Mutations change the "information" - there is no "improove"(SIC) involved.
If genes were inadvertently duplicated ...
That would be a mutation that obviously adds "information" in the way that 1 + 1 adds information.
... and both copies changed by mutations ...
The probability is that the mutations would be different, and what would be the difference between that and one mutation?
... would there be the prospect of more complex kinds?
It would already be more complex due to the duplication.
The problem is -natural selection is a blind process that cannot see ahead to select a new improoved function.
Seeing as that is NOT what natural selection, as used in the science of evolution says happens, I congratulate you on showing that a false (straw man) version is impossible. (clap clap clap).
If mutations were the first step towards for e.g. a wing then natural selection would eliminate it as having no function.
Can you point to one thing in a bat wing that is not present in your arm? A bone, a muscle, skin, ligaments, blood vessels, any element, any feature?
The formation of a wing would involve a hugh amount of genetic information, and the idea that each chance increment being more fit than the last is statistically impossible.
Nope. See how assertion based on opinion works?
Now consider the flying squirrel as a transitional stage between a small shrew like tree living insectivore and a bat -- what is statistically impossible about a flying squirrel?
... the last is statistically impossible.
Curiously, nothing is "statistically impossible" -- if it's impossible, then statistics has nothing to do with it, and if it's statistical it's not impossible.
Genetic mutations can involve a single nucleotide or displacement of a whole gene within a chromosome.
And anything in between, and even more, up to and including duplication of the entire genome (see polyploidy).
Since they are a change in a highly complex system, each involves a loss of information.
Interestingly, the complexity of the system has no bearing on whether the mutation adds or deletes "information" from the system.
Curiously, one type of mutation can duplicate a section of DNA, while another type of mutation can delete a section of DNA, thus it is entirely possible that a second mutation would delete a previously duplicated section and we end up at the starting point.

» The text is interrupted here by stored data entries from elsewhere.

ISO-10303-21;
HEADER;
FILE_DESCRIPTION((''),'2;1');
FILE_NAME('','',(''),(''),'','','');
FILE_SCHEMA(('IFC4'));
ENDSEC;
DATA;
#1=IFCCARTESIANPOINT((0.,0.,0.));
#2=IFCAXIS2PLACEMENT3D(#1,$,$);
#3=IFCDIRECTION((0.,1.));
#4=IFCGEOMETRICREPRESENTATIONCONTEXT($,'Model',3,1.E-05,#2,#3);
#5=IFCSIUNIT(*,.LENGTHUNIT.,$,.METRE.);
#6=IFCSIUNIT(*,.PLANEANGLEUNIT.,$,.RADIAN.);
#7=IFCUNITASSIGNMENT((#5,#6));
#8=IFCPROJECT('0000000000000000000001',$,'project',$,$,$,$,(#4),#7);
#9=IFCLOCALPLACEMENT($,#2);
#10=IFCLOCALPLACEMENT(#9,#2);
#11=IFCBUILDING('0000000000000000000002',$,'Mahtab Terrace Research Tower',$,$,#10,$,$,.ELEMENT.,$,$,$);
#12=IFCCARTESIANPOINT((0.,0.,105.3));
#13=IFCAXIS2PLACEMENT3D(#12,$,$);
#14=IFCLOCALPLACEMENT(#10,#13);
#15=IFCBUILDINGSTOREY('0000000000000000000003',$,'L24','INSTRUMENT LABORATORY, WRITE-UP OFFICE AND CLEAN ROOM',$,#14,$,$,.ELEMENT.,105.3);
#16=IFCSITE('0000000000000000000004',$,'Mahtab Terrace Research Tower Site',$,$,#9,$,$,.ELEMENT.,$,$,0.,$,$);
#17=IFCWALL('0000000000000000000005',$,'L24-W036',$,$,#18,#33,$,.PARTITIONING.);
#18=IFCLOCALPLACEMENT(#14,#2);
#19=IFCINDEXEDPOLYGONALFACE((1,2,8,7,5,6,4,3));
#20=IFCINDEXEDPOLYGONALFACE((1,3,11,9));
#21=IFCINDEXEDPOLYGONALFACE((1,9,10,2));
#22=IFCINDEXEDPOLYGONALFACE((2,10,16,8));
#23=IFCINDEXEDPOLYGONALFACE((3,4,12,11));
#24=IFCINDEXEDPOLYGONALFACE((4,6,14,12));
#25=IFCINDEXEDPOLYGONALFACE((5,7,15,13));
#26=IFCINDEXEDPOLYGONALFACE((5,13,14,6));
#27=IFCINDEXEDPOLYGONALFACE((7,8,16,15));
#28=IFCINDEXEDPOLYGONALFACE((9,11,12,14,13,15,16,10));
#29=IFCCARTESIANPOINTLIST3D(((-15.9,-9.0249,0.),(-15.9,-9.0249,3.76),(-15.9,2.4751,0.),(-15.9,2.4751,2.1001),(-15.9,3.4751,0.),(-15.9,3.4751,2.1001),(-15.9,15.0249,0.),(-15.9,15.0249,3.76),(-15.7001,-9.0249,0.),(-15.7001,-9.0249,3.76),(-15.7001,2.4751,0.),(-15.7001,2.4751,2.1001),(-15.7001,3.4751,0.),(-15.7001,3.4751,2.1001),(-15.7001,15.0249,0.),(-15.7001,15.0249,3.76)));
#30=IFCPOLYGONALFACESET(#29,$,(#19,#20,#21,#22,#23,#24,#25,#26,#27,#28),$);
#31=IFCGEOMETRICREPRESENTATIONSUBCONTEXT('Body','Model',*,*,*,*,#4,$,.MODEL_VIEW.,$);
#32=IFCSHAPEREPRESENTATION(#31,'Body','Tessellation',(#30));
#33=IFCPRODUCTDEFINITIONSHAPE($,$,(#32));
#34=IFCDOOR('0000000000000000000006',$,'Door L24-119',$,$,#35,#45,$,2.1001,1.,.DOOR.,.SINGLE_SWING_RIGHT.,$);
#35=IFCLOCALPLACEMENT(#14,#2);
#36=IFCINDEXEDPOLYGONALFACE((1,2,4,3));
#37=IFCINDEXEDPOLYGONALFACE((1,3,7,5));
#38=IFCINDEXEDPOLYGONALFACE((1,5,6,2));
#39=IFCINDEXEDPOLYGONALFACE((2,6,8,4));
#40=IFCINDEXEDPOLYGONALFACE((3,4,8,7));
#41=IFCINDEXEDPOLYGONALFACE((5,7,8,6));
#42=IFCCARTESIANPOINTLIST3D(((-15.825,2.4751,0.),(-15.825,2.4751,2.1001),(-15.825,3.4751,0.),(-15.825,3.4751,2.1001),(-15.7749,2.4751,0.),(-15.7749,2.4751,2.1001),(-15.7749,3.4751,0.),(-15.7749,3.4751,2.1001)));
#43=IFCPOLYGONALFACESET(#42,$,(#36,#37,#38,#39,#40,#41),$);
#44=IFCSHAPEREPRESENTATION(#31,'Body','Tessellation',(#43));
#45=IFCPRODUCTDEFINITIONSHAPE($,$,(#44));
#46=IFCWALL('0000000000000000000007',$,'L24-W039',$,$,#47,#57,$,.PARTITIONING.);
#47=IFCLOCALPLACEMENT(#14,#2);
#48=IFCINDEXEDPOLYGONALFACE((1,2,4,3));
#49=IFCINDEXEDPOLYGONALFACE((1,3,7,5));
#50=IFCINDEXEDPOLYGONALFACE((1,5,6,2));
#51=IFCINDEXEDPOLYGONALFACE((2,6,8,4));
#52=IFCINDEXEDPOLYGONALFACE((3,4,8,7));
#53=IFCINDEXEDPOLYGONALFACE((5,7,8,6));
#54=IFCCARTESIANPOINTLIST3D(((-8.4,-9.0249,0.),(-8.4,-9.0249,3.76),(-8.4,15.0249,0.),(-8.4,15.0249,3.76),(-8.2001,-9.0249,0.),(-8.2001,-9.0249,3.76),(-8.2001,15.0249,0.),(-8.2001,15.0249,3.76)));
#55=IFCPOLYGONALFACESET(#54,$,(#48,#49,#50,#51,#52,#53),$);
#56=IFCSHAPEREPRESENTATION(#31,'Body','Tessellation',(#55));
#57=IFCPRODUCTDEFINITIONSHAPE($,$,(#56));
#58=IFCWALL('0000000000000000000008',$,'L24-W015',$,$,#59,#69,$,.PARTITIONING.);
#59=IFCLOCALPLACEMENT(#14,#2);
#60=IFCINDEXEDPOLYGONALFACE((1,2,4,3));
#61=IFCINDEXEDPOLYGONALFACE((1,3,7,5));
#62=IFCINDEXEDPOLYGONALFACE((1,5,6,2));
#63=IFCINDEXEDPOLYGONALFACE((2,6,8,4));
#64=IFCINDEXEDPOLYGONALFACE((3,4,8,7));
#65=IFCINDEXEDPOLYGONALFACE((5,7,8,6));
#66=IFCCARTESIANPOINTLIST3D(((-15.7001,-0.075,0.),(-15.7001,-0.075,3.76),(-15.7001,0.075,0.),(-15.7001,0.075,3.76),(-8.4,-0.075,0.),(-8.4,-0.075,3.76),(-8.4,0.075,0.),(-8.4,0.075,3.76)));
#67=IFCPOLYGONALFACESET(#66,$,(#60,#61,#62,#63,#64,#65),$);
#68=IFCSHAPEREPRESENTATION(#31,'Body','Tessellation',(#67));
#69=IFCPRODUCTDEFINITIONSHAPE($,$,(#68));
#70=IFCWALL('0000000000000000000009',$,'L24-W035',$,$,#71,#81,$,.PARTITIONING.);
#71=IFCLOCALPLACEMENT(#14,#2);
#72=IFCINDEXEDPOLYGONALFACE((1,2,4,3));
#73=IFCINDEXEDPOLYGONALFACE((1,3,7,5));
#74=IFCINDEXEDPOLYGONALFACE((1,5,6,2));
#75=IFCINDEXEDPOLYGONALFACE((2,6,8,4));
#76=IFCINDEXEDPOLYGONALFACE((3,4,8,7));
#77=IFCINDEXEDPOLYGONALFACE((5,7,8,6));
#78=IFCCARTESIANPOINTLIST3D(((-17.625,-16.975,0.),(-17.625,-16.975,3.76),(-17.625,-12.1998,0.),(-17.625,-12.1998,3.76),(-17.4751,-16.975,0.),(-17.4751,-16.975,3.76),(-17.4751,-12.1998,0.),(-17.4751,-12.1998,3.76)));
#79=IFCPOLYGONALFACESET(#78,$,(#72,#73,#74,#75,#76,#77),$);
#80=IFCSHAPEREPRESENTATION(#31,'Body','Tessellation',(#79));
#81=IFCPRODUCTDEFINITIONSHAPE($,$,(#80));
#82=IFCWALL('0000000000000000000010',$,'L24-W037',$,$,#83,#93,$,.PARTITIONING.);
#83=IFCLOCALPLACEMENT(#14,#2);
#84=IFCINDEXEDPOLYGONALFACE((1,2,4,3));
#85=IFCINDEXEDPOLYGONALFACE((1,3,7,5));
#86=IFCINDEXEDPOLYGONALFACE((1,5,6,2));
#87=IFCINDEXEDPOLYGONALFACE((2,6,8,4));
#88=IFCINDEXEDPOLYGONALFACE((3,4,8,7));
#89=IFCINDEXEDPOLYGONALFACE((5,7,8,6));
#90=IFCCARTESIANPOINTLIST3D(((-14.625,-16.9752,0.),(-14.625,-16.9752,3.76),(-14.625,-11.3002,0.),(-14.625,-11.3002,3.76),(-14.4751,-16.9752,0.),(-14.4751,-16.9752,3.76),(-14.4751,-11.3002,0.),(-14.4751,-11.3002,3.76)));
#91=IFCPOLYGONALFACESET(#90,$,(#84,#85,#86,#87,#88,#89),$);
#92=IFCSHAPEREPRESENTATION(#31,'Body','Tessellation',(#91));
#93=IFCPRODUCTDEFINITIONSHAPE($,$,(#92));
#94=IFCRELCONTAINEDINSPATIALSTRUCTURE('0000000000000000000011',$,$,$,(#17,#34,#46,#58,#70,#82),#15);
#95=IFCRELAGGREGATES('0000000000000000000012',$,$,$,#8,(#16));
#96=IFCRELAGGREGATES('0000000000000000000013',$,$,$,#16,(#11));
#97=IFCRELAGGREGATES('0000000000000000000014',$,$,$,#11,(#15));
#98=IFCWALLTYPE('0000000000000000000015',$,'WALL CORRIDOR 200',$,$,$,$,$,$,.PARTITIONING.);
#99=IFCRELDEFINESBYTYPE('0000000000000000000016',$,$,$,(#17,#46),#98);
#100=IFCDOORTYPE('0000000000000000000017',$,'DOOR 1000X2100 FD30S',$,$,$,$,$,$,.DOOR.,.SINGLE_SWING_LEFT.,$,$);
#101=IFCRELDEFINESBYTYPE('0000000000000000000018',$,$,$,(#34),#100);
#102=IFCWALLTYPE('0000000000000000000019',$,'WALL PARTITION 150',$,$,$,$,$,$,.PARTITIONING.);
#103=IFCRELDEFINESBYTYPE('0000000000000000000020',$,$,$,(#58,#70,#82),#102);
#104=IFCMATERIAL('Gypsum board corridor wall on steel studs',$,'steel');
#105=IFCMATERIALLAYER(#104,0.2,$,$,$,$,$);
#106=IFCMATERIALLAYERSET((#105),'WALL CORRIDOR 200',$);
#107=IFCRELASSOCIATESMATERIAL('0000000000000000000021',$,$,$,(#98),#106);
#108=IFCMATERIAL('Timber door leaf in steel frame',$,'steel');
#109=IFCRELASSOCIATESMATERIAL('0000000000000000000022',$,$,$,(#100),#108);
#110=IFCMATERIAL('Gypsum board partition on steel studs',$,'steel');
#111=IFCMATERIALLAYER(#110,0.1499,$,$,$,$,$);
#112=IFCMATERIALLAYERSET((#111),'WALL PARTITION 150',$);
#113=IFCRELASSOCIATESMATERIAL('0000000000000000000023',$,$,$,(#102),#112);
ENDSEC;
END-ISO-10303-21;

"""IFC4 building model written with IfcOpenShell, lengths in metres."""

from ifc_helpers import new_model, si_unit, direction, frame, frame_2d, origin, place, context, subcontext, project, spatial, rectangle, extrude, material, layer, layer_set, type_object, element, fill, save


model = new_model("IFC4")

# Units and contexts
model_context = context("Model", 3, precision=1e-05, world=origin(), true_north=direction((0.0, 1.0)))
body_context = subcontext(model_context, "Body", "Model", "MODEL_VIEW")
ifc_project = project(units=[si_unit("LENGTHUNIT", "METRE"), si_unit("PLANEANGLEUNIT", "RADIAN")], contexts=[model_context])

# Site, building, storey
site_placement = place(None, origin())
site = spatial("IfcSite", under=ifc_project, at=site_placement, Name="Mahtab Terrace Research Tower Site", CompositionType="ELEMENT", RefElevation=0.0)
building_placement = place(site_placement, origin())
building = spatial("IfcBuilding", under=site, at=building_placement, Name="Mahtab Terrace Research Tower", CompositionType="ELEMENT")
storey_placement = place(building_placement, frame((0.0, 0.0, 105.3)))
storey = spatial("IfcBuildingStorey", under=building, at=storey_placement, Name="L24", Description="INSTRUMENT LABORATORY, WRITE-UP OFFICE AND CLEAN ROOM", CompositionType="ELEMENT", Elevation=105.3)

# Shared definitions
ifc_material_1 = material(Name="Gypsum board corridor wall on steel studs", Category="steel")
ifc_layer_1 = layer(ifc_material_1, 0.2)
ifc_layer_set_1 = layer_set([ifc_layer_1], Name="WALL CORRIDOR 200")
wall_type_1 = type_object("IfcWallType", Name="WALL CORRIDOR 200", PredefinedType="PARTITIONING", material=ifc_layer_set_1)
ifc_material_2 = material(Name="Timber door leaf in steel frame", Category="steel")

# Wall, opening, door
wall_1_placement = place(storey_placement, frame((-15.8, -9.0249, 0.0), z_axis=(0.0, 0.0, 1.0), x_axis=(0.0, 1.0, 0.0)))
wall_1 = element("IfcWall", 1, at=wall_1_placement, inside=storey, type_object=wall_type_1, Name="L24-W036", PredefinedType="PARTITIONING", context=body_context, shape_type="SweptSolid", body=[
    extrude(rectangle(XDim=24.0498, YDim=0.2, at=frame_2d((12.0249, 0.0))), origin(), (0.0, 0.0, 1.0), 3.76),
])
opening_1_placement = place(wall_1_placement, frame((11.5, 0.0, 0.0)))
opening_1 = element("IfcOpeningElement", 2, at=opening_1_placement, cuts=wall_1, PredefinedType="OPENING", context=body_context, shape_type="SweptSolid", body=[
    extrude(rectangle(XDim=1.0, YDim=2.1001, at=frame_2d((0.5, 1.05))), frame((0.0, 0.1099, 0.0), z_axis=(0.0, -1.0, 0.0), x_axis=(1.0, 0.0, 0.0)), (0.0, 0.0, 1.0), 0.22),
])
door_type_1 = type_object("IfcDoorType", Name="DOOR 1000X2100 FD30S", OperationType="SINGLE_SWING_LEFT", PredefinedType="DOOR", material=ifc_material_2)
door_1_placement = place(opening_1_placement, origin())
door_1 = element("IfcDoor", 3, at=door_1_placement, inside=storey, type_object=door_type_1, Name="Door L24-119", OperationType="SINGLE_SWING_RIGHT", OverallHeight=2.1001, OverallWidth=1.0, PredefinedType="DOOR", context=body_context, shape_type="SweptSolid", body=[
    extrude(rectangle(XDim=1.0, YDim=2.1001, at=frame_2d((0.5, 1.05))), frame((0.0, 0.0249, 0.0), z_axis=(0.0, -1.0, 0.0), x_axis=(1.0, 0.0, 0.0)), (0.0, 0.0, 1.0), 0.05),
])
fill(opening_1, door_1)

# Walls
wall_2_placement = place(storey_placement, frame((-8.3, -9.0249, 0.0), z_axis=(0.0, 0.0, 1.0), x_axis=(0.0, 1.0, 0.0)))
element("IfcWall", 4, at=wall_2_placement, inside=storey, type_object=wall_type_1, Name="L24-W039", PredefinedType="PARTITIONING", context=body_context, shape_type="SweptSolid", body=[
    extrude(rectangle(XDim=24.0498, YDim=0.2, at=frame_2d((12.0249, 0.0))), origin(), (0.0, 0.0, 1.0), 3.76),
])
ifc_material_3 = material(Name="Gypsum board partition on steel studs", Category="steel")
ifc_layer_2 = layer(ifc_material_3, 0.1499)
ifc_layer_set_2 = layer_set([ifc_layer_2], Name="WALL PARTITION 150")
wall_type_2 = type_object("IfcWallType", Name="WALL PARTITION 150", PredefinedType="PARTITIONING", material=ifc_layer_set_2)
wall_3_placement = place(storey_placement, frame((-15.7, 0.0, 0.0), z_axis=(0.0, 0.0, 1.0), x_axis=(1.0, 0.0, 0.0)))
element("IfcWall", 5, at=wall_3_placement, inside=storey, type_object=wall_type_2, Name="L24-W015", PredefinedType="PARTITIONING", context=body_context, shape_type="SweptSolid", body=[
    extrude(rectangle(XDim=7.3, YDim=0.1499, at=frame_2d((3.6499, 0.0))), origin(), (0.0, 0.0, 1.0), 3.76),
])
wall_4_placement = place(storey_placement, frame((-17.55, -16.9751, 0.0), z_axis=(0.0, 0.0, 1.0), x_axis=(0.0, 1.0, 0.0)))
element("IfcWall", 6, at=wall_4_placement, inside=storey, type_object=wall_type_2, Name="L24-W035", PredefinedType="PARTITIONING", context=body_context, shape_type="SweptSolid", body=[
    extrude(rectangle(XDim=4.7751, YDim=0.1499, at=frame_2d((2.3877, 0.0))), origin(), (0.0, 0.0, 1.0), 3.76),
])
wall_5_placement = place(storey_placement, frame((-14.55, -16.9751, 0.0), z_axis=(0.0, 0.0, 1.0), x_axis=(0.0, 1.0, 0.0)))
element("IfcWall", 7, at=wall_5_placement, inside=storey, type_object=wall_type_2, Name="L24-W037", PredefinedType="PARTITIONING", context=body_context, shape_type="SweptSolid", body=[
    extrude(rectangle(XDim=5.675, YDim=0.1499, at=frame_2d((2.8374, 0.0))), origin(), (0.0, 0.0, 1.0), 3.76),
])

save(model, "model.ifc")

Now, tell me, how does each involve loss of information?
Fascinatingly, we have samples of this actually occurring:
Newsroom - The Source - Washington University in St. Louis
quote:
Walking sticks regained flight after 50 million years of winglessness
Maxwell and his collaborators at Brigham Young University discovered that some species lost the ability to fly at one point of their evolution and then re-evolved it 50 million years later.
And it is not just ONE such instance, but several. See Figure 1 from Nature 421, 264 - 267 (16 January 2003); doi:10.1038/nature01313 (reproduced below)

Walkingstick insects originally started out as wingless insects (blue at start and top row). That diversified.

And some gained wings (red). And diversified.

And some lost wings (blue again). And diversified.

And one gained wings again (Lapaphus parakensis, below, red again).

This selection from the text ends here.